Strasser habe von sich aus seine Mitgliedschaft ruhend gestellt. Er habe damit „weder Rechte noch Pflichten als Mitglied“, so Mandl. Im Moment sei Strasser damit kein ÖVP-Mitglied mehr, sagte auch der niederösterreichische ÖVP-Landesgeschäftsführer Gerhard Karner. Er gehe davon aus, dass Strasser „bis auf weiteres“ kein Mitglied der ÖVP mehr sei.

Mandl sagte, er sehe keinen Grund, dass sich daran in Zukunft etwas ändern werde. Der ÖAAB-Generalsekretär sieht darin einen „wichtigen und notwendigen Schritt“, den er begrüße. Das sei auch wichtig für das Ansehen der Politik.

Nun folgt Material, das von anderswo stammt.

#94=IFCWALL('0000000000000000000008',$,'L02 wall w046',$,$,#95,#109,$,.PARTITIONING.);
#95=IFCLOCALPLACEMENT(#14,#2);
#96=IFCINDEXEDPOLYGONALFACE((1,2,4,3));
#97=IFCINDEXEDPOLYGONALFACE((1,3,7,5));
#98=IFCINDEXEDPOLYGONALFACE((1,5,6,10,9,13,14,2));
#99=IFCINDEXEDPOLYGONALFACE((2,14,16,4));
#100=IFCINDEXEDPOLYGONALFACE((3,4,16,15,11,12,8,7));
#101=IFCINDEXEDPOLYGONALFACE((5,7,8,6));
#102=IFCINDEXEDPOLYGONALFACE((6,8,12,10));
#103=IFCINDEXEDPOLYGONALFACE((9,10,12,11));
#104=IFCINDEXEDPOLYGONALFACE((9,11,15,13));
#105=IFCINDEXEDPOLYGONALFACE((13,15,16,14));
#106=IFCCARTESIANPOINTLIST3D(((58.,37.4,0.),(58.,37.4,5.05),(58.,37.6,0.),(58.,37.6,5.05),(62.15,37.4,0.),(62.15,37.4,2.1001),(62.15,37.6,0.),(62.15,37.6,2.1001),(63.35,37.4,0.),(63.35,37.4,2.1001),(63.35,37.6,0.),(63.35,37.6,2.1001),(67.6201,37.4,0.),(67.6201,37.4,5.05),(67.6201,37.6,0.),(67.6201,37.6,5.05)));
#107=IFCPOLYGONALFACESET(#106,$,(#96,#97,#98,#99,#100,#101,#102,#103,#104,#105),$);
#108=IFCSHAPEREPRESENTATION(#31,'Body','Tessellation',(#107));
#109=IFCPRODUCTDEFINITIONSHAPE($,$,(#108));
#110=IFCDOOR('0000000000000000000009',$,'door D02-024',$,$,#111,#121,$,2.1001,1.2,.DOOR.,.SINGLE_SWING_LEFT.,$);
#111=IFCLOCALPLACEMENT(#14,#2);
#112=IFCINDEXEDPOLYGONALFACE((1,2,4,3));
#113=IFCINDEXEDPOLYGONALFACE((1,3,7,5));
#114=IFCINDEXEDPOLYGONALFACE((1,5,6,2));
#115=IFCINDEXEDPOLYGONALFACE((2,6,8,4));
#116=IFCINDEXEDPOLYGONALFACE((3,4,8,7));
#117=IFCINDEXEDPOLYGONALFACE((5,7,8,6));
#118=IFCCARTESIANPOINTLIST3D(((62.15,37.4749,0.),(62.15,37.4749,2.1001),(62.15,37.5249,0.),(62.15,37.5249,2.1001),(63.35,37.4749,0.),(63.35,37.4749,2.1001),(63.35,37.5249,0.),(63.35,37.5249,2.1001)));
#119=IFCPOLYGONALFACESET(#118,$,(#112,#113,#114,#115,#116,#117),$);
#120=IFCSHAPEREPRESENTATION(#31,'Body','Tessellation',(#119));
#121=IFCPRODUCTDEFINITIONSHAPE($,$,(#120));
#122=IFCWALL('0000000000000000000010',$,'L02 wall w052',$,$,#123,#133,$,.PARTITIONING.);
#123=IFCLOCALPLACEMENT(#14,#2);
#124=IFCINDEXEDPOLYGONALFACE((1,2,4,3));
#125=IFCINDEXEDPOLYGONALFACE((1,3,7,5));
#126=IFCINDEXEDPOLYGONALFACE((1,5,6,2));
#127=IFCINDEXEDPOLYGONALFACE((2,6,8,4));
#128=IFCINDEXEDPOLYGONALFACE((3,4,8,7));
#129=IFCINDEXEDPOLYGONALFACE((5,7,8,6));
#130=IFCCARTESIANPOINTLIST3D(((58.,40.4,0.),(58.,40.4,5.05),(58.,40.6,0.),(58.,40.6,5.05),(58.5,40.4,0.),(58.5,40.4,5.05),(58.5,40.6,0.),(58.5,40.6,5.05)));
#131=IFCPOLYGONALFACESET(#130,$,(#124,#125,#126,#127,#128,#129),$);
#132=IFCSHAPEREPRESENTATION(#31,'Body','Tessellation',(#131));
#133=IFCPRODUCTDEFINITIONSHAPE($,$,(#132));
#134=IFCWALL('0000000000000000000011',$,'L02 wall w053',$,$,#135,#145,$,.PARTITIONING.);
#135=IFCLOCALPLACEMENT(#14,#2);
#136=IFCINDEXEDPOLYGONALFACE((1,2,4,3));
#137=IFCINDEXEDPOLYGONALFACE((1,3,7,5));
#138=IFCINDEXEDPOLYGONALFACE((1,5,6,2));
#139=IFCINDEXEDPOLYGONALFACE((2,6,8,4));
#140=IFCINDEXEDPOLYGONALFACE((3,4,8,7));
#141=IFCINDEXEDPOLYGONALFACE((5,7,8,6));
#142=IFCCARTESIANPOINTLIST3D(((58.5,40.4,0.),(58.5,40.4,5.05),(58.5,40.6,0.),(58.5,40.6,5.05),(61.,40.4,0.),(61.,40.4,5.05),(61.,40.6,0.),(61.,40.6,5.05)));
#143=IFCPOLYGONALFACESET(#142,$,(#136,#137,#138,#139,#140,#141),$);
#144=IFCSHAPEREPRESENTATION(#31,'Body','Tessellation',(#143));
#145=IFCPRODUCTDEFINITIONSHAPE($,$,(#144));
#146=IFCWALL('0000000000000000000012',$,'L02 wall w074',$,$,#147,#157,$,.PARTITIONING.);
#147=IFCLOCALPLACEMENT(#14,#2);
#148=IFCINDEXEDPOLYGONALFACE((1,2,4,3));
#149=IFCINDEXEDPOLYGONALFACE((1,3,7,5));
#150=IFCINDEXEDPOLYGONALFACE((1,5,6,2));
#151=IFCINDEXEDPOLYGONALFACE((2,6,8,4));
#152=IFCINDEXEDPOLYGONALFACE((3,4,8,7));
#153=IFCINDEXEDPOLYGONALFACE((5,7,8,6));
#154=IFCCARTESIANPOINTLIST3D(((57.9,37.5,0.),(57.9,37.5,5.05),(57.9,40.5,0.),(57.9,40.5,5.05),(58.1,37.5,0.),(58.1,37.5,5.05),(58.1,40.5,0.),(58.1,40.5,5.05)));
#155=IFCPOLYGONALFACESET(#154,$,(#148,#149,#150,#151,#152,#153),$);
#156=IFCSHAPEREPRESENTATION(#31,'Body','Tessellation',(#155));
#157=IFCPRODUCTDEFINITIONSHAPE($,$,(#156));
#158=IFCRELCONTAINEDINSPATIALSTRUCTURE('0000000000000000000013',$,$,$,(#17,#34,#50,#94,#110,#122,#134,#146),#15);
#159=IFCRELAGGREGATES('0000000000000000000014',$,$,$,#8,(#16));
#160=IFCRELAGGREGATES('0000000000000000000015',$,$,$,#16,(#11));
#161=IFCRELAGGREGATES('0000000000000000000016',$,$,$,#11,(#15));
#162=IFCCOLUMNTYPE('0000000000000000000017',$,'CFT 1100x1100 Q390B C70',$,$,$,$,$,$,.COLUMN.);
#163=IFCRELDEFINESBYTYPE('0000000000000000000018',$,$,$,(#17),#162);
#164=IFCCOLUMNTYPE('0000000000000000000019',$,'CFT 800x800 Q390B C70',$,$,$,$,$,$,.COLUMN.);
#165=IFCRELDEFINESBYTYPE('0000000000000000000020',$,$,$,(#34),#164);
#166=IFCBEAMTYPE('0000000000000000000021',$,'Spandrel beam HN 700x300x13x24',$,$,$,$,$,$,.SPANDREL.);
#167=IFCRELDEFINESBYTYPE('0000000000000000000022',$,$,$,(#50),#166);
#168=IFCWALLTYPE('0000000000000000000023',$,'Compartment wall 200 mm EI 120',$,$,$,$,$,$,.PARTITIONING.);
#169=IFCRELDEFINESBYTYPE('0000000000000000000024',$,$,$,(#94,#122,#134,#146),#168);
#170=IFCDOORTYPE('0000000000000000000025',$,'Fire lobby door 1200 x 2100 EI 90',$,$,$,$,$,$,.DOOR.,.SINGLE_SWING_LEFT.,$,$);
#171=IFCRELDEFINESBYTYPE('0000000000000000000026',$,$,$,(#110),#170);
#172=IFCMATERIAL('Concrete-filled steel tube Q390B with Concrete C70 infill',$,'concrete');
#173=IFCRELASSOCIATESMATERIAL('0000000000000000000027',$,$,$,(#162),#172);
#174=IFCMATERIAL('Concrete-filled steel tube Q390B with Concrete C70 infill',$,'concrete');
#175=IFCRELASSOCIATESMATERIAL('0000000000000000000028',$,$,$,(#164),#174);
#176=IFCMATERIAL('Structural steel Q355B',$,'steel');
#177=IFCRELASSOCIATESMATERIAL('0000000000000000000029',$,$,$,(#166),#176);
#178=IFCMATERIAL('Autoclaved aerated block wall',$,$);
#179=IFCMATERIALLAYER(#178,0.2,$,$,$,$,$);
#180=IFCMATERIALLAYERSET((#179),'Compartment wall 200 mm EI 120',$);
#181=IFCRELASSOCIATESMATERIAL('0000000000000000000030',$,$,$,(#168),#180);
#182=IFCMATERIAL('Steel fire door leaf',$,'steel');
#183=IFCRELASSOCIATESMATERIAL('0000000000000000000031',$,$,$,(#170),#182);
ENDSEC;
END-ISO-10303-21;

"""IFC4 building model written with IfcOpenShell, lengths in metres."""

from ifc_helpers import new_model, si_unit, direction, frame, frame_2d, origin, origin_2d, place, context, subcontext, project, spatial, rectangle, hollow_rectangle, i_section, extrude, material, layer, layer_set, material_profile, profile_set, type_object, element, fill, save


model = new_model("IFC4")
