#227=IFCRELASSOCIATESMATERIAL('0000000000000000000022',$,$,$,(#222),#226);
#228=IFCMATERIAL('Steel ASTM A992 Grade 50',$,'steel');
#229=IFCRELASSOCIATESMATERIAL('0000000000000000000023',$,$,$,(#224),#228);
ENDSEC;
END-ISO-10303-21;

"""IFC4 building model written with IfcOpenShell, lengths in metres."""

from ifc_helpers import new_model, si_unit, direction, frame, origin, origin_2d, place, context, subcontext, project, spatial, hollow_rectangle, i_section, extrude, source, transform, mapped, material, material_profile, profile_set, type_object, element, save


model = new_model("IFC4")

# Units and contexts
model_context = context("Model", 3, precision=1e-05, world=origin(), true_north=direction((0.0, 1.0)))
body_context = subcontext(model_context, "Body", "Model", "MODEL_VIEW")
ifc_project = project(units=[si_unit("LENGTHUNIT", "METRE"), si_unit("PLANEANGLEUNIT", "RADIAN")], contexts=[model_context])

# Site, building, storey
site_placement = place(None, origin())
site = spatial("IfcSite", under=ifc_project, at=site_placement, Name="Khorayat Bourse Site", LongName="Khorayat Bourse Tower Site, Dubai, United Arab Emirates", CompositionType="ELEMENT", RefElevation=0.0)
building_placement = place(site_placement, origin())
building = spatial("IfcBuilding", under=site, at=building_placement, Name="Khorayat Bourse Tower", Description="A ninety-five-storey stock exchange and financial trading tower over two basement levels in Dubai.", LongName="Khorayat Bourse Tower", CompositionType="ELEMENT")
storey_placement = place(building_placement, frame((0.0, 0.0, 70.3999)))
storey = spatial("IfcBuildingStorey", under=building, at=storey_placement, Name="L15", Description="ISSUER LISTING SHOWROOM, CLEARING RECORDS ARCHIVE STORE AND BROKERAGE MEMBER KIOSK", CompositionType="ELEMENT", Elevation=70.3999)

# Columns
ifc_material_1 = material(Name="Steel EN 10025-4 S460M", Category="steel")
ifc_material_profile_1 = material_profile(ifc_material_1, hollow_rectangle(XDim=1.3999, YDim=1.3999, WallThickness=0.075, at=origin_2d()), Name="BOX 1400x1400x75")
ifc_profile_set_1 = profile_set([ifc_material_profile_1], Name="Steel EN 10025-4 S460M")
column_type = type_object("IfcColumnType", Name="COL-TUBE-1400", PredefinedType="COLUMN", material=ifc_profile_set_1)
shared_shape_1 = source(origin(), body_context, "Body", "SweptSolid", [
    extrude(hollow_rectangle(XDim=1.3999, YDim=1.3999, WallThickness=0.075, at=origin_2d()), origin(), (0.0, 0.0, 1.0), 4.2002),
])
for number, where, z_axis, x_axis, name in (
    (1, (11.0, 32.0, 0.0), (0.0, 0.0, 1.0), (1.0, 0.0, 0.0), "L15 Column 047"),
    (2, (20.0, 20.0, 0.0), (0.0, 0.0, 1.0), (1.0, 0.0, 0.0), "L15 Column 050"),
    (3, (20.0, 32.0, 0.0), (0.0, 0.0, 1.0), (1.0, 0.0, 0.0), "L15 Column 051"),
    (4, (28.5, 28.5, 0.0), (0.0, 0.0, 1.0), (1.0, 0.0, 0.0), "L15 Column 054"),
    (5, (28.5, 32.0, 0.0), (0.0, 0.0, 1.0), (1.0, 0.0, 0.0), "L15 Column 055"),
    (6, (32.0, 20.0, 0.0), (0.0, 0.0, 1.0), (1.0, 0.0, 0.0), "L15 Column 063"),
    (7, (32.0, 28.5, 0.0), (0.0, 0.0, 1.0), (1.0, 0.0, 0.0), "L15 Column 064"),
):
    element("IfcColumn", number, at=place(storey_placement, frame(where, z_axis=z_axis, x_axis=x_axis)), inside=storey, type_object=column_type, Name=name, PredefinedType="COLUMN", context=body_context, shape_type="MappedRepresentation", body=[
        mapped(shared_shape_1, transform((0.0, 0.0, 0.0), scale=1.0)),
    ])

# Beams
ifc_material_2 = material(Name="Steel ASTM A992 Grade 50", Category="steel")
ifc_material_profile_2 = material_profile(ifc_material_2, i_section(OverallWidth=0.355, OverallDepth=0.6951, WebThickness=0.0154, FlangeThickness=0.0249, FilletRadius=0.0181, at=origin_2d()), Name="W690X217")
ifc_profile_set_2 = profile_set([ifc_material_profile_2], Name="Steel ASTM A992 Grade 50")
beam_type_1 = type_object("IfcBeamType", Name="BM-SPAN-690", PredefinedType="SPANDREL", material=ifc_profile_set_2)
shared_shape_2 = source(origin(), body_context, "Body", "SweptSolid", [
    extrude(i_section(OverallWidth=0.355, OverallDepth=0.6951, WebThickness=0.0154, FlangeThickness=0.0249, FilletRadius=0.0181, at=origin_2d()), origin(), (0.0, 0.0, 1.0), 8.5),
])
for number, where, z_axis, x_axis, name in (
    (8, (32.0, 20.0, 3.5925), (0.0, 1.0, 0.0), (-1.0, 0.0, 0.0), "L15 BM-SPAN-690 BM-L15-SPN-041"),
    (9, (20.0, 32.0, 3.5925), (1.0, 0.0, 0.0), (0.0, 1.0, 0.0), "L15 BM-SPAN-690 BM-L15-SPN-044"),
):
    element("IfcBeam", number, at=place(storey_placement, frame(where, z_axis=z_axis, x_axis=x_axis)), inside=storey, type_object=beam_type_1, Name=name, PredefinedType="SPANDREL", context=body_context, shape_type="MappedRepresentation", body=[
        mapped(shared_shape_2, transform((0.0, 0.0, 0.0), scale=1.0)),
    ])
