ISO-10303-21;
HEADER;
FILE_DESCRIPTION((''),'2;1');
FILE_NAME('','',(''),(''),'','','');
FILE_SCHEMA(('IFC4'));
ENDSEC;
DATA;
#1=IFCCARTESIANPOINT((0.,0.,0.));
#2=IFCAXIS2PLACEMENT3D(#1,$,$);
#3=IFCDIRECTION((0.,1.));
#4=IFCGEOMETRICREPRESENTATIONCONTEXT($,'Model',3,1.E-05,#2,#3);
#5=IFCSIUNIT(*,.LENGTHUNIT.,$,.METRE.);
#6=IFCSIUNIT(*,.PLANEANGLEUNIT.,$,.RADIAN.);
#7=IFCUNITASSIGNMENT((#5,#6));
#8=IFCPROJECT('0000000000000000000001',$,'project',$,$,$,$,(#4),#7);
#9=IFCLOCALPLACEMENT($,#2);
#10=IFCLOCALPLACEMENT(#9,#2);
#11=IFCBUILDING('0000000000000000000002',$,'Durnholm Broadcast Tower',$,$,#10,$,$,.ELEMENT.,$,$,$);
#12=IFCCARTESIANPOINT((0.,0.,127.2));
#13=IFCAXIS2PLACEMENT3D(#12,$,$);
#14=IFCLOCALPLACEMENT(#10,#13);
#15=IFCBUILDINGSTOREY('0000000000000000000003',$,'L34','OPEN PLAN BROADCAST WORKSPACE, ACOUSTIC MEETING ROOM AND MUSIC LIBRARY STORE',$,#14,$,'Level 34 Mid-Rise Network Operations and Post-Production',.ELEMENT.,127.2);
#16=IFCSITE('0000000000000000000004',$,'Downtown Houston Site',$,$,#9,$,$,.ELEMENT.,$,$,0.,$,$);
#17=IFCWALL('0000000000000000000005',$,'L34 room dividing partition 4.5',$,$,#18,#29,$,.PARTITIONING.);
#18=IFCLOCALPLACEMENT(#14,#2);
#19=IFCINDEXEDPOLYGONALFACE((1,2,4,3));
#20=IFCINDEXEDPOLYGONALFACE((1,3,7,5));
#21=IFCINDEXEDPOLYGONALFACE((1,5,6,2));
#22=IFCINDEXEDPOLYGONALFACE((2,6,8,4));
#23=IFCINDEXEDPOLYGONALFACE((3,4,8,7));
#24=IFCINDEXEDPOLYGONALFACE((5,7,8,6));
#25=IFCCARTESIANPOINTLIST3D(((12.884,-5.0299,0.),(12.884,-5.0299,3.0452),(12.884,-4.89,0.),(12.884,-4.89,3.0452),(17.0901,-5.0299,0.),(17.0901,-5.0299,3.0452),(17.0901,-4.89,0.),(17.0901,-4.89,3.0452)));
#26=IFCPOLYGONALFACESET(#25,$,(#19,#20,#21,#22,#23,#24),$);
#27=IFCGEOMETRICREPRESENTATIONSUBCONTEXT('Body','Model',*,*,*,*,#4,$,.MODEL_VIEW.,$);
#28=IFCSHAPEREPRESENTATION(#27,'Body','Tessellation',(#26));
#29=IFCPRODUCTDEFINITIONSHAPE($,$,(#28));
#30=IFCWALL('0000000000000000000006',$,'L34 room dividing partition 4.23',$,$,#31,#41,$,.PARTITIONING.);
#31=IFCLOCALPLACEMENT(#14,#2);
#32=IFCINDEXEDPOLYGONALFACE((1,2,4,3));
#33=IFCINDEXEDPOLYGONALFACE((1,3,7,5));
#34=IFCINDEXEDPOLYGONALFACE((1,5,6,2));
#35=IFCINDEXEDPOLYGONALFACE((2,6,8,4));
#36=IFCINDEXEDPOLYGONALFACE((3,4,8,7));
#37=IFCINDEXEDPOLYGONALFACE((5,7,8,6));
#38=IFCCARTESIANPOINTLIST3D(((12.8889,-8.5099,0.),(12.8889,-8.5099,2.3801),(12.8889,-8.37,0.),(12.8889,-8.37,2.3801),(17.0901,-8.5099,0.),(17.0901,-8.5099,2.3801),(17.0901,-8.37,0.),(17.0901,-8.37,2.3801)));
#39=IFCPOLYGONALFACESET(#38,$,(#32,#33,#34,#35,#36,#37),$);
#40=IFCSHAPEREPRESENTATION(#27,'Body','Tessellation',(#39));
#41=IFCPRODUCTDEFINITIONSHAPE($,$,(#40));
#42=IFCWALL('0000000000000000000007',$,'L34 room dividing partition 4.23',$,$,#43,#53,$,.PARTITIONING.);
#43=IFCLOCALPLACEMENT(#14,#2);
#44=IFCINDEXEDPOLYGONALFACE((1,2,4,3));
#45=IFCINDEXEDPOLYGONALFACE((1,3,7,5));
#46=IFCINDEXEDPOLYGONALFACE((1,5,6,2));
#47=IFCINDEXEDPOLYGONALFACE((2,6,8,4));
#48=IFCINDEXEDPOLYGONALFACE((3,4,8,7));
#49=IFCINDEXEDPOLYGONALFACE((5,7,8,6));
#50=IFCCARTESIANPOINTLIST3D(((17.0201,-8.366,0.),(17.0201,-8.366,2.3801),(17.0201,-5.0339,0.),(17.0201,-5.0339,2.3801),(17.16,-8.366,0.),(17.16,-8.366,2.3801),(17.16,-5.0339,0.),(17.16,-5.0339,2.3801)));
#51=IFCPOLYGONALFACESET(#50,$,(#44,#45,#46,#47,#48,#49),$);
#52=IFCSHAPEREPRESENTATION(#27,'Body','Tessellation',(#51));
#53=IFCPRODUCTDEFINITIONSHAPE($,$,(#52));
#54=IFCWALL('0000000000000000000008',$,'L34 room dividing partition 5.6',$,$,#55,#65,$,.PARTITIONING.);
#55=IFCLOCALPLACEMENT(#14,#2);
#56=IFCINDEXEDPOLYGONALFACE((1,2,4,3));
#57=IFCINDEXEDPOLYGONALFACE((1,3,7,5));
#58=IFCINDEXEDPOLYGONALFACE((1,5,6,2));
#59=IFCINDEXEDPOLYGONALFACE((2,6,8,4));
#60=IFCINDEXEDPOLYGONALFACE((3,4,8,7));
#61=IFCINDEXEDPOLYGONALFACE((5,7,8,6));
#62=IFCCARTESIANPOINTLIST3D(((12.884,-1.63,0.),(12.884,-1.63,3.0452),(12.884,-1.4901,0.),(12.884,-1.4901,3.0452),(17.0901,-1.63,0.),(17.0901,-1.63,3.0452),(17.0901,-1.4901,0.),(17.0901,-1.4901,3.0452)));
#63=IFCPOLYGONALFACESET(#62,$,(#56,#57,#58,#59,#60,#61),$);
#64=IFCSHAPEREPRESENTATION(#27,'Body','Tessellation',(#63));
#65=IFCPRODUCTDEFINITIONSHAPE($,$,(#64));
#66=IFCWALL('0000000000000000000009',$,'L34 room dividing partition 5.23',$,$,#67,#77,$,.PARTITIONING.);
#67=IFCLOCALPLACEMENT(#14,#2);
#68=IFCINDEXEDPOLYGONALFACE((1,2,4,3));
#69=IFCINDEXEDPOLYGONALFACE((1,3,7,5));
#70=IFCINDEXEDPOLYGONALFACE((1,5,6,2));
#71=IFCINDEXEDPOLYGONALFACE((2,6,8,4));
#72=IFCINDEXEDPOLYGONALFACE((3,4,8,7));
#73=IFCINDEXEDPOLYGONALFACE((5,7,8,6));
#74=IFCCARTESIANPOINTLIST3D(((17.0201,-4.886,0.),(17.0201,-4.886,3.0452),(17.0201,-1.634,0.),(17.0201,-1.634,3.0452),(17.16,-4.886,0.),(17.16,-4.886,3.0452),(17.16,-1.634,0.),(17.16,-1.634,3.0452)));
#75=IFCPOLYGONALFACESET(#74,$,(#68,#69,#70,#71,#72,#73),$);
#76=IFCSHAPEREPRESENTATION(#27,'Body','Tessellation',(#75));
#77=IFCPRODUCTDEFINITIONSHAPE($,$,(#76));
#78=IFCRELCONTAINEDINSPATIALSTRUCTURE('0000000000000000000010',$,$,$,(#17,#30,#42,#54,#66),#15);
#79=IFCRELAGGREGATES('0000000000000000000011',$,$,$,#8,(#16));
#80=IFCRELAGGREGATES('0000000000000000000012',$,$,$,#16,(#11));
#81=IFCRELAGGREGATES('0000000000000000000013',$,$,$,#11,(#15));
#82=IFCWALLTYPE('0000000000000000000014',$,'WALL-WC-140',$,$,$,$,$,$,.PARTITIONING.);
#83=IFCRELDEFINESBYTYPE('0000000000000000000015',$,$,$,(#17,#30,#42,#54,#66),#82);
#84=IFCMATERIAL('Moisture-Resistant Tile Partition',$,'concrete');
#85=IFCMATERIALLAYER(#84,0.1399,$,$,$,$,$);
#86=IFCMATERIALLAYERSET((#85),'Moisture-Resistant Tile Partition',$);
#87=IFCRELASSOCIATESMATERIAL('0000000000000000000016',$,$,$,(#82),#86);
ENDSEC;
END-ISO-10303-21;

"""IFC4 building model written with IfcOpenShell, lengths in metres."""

from ifc_helpers import new_model, si_unit, direction, frame, frame_2d, origin, place, context, subcontext, project, spatial, rectangle, extrude, material, layer, layer_set, type_object, element, save


model = new_model("IFC4")

# Units and contexts
model_context = context("Model", 3, precision=1e-05, world=origin(), true_north=direction((0.0, 1.0)))
body_context = subcontext(model_context, "Body", "Model", "MODEL_VIEW")
ifc_project = project(units=[si_unit("LENGTHUNIT", "METRE"), si_unit("PLANEANGLEUNIT", "RADIAN")], contexts=[model_context])

# Site, building, storey
site_placement = place(None, origin())
site = spatial("IfcSite", under=ifc_project, at=site_placement, Name="Downtown Houston Site", CompositionType="ELEMENT", RefElevation=0.0)
building_placement = place(site_placement, origin())
building = spatial("IfcBuilding", under=site, at=building_placement, Name="Durnholm Broadcast Tower", CompositionType="ELEMENT")
storey_placement = place(building_placement, frame((0.0, 0.0, 127.2)))
storey = spatial("IfcBuildingStorey", under=building, at=storey_placement, Name="L34", Description="OPEN PLAN BROADCAST WORKSPACE, ACOUSTIC MEETING ROOM AND MUSIC LIBRARY STORE", LongName="Level 34 Mid-Rise Network Operations and Post-Production", CompositionType="ELEMENT", Elevation=127.2)

# Shared definitions
ifc_material_1 = material(Name="Moisture-Resistant Tile Partition", Category="concrete")
ifc_layer_1 = layer(ifc_material_1, 0.1399)
ifc_layer_set_1 = layer_set([ifc_layer_1], Name="Moisture-Resistant Tile Partition")
wall_type_1 = type_object("IfcWallType", Name="WALL-WC-140", PredefinedType="PARTITIONING", material=ifc_layer_set_1)

# Walls
wall_1_placement = place(storey_placement, frame((12.884, -4.96, 0.0), z_axis=(0.0, 0.0, 1.0), x_axis=(1.0, 0.0, 0.0)))
element("IfcWall", 1, at=wall_1_placement, inside=storey, type_object=wall_type_1, Name="L34 room dividing partition 4.5", PredefinedType="PARTITIONING", context=body_context, shape_type="SweptSolid", body=[
    extrude(rectangle(XDim=4.2061, YDim=0.1399, at=frame_2d((2.103, 0.0))), origin(), (0.0, 0.0, 1.0), 3.0452),
])
wall_2_placement = place(storey_placement, frame((17.0901, -8.4399, 0.0), z_axis=(0.0, 0.0, 1.0), x_axis=(-1.0, 0.0, 0.0)))
element("IfcWall", 2, at=wall_2_placement, inside=storey, type_object=wall_type_1, Name="L34 room dividing partition 4.23", PredefinedType="PARTITIONING", context=body_context, shape_type="SweptSolid", body=[
    extrude(rectangle(XDim=4.2012, YDim=0.1399, at=frame_2d((2.1006, 0.0))), origin(), (0.0, 0.0, 1.0), 2.3801),
])
wall_3_placement = place(storey_placement, frame((17.0901, -5.0339, 0.0), z_axis=(0.0, 0.0, 1.0), x_axis=(0.0, -1.0, 0.0)))
element("IfcWall", 3, at=wall_3_placement, inside=storey, type_object=wall_type_1, Name="L34 room dividing partition 4.23", PredefinedType="PARTITIONING", context=body_context, shape_type="SweptSolid", body=[
    extrude(rectangle(XDim=3.332, YDim=0.1399, at=frame_2d((1.666, 0.0))), origin(), (0.0, 0.0, 1.0), 2.3801),
])
wall_4_placement = place(storey_placement, frame((12.884, -1.5601, 0.0), z_axis=(0.0, 0.0, 1.0), x_axis=(1.0, 0.0, 0.0)))
element("IfcWall", 4, at=wall_4_placement, inside=storey, type_object=wall_type_1, Name="L34 room dividing partition 5.6", PredefinedType="PARTITIONING", context=body_context, shape_type="SweptSolid", body=[
    extrude(rectangle(XDim=4.2061, YDim=0.1399, at=frame_2d((2.103, 0.0))), origin(), (0.0, 0.0, 1.0), 3.0452),
])
wall_5_placement = place(storey_placement, frame((17.0901, -1.634, 0.0), z_axis=(0.0, 0.0, 1.0), x_axis=(0.0, -1.0, 0.0)))
element("IfcWall", 5, at=wall_5_placement, inside=storey, type_object=wall_type_1, Name="L34 room dividing partition 5.23", PredefinedType="PARTITIONING", context=body_context, shape_type="SweptSolid", body=[
    extrude(rectangle(XDim=3.252, YDim=0.1399, at=frame_2d((1.626, 0.0))), origin(), (0.0, 0.0, 1.0), 3.0452),
])

save(model, "model.ifc")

Ausschlussforderung von Platter

Nach dem Bekanntwerden der Lobbyistenaffäre um den Ex-ÖVP-Delegationsleiter im EU-Parlament war am Dienstag der erste Ruf nach einem Parteiausschluss laut geworden. Der Tiroler Landeshauptmann Günther Platter (ÖVP) sagte, er würde einen Antrag auf einen Ausschluss aus der ÖVP „sehr unterstützen“. Für die ÖVP-Regierungsmitglieder war mit Strassers Rücktritt die notwendige Konsequenz hingegen gezogen.

„Ich bin sehr enttäuscht und äußerst verärgert über die Machenschaften von Ernst Strasser, die bekanntgeworden sind. Ich schäme mich, dass ein ÖVP-Politiker sich mit solch unlauteren Dingen beschäftigt hat“, sagte Platter bei einer Pressekonferenz nach der Regierungssitzung am Dienstag in Innsbruck.

Bandion will „Lobbyistengesetz“ umsetzen

Justizministerin Claudia Bandion-Ortner kündigte unterdessen noch für heuer ein „Lobbyistengesetz“ an: „Ich überlege mir gesetzliche Verschärfungen.“ Sie wolle auf nationaler Ebene „Klarheit“ schaffen, man müsse diesen Bereich regeln, es sei mehr Transparenz erforderlich. Man sei bereits dabei, die erforderlichen Maßnahmen auszuarbeiten, umgesetzt werden sollten diese „bald“, auf jeden Fall noch in diesem Jahr. Für ein Verhalten wie jenes von Strasser gebe es jedenfalls „null Toleranz“, so Bandion-Ortner. Die Staatsanwaltschaft ermittle bereits „auf Hochtouren“.

ÖVP-Generalsekretär Fritz Kaltenegger ließ am Dienstagabend durchblicken, in welche Richtung das von Bandion-Ortner angekündigte Lobbyistengesetz gehen könnte. Die Volkspartei wünsche sich ein verpflichtendes Lobbyistenregister für Österreich, erklärte Kaltenegger im ORF-„Report“.

Prammer will strengere Regeln für Parlament

Nationalratspräsidentin Barbara Prammer (SPÖ) forderte anlässlich der Lobbyistenaffäre strengere Regeln für das Parlament. „Ich würde es für gut erachten, bei den Strafbestimmungen nachzuschärfen“, sagte sie dem „Kurier“ (Mittwoch-Ausgabe).